Titolo Originale: L'Oeil du Purgatoire.
Anno: 1945.
Genere: Fantastico / Surreale.
Editore: Mondadori, collana Urania (n.987).
Pagine: 114.
Commento a cura di Matteo Mancini.
Torniamo con L'Oeil du Purgatoire, edito nel 1945 e pubblicato in Italia nel 1973, sulle sempre gradite pagine dell'Urania per presentare un romanzo che mi è stato segnalato dall'amico Cesare Buttaboni. Vero e proprio classico della narrativa surreale francese, più volte proposto dalla Mondadori nella collana Urania e anche in edizioni in vendita nel tradizionale campionario destinato alle librerie.
Romanzo molto particolare, che si presta a diversi piani di lettura e che fa sfoggio di un'ironia nera al servizio di una storia paradossale a metà strada tra il surrealismo kafkiano e l'onirismo degli scrittori di genere.

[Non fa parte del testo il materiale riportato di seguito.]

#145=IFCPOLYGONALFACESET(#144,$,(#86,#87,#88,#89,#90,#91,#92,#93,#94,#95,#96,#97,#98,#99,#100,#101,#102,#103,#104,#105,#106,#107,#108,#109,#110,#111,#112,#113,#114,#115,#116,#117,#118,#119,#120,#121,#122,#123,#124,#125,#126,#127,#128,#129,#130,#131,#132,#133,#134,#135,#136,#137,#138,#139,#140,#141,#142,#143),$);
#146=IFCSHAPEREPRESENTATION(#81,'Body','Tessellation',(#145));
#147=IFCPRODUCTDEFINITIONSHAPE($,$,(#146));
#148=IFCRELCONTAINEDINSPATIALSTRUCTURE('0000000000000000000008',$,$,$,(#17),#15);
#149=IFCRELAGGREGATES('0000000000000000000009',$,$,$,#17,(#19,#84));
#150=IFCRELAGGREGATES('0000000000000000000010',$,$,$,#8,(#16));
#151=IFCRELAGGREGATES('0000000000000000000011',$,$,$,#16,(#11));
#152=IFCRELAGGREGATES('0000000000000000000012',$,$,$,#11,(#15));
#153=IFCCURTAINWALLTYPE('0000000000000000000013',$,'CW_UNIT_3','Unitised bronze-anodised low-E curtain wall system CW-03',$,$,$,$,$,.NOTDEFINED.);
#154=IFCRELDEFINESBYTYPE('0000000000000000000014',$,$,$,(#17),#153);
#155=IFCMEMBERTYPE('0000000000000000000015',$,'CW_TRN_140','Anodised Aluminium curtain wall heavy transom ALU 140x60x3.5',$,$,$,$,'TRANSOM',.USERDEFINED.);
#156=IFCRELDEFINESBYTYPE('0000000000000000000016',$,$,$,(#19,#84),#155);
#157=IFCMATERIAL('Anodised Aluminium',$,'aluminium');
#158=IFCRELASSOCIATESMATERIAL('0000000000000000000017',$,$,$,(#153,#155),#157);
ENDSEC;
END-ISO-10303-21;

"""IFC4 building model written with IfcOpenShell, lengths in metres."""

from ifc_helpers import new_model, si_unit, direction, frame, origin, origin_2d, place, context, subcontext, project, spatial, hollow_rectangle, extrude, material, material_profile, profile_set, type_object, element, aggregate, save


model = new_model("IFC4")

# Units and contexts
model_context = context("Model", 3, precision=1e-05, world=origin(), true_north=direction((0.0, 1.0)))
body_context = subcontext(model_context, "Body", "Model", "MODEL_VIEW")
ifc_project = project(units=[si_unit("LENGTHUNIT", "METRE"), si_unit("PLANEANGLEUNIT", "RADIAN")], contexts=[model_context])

Dietro al narrato c'è il franco-algerino Jacques Spitz, un autore ingiustamente dimenticato del primissimo novecento, morto solo e in povertà in quel di Parigi nel 1963. Autore sarcastico, ai limiti della satira, solito dileggiare i militari da una parte, gli accademici dall'altra e non da ultimi i poteri forti che incarnano il demone dalla politica con la P maiuscola. Era solito miscelare la narrativa di genere a elucubrazioni di carattere filosofico-religioso, giocando agli estremi.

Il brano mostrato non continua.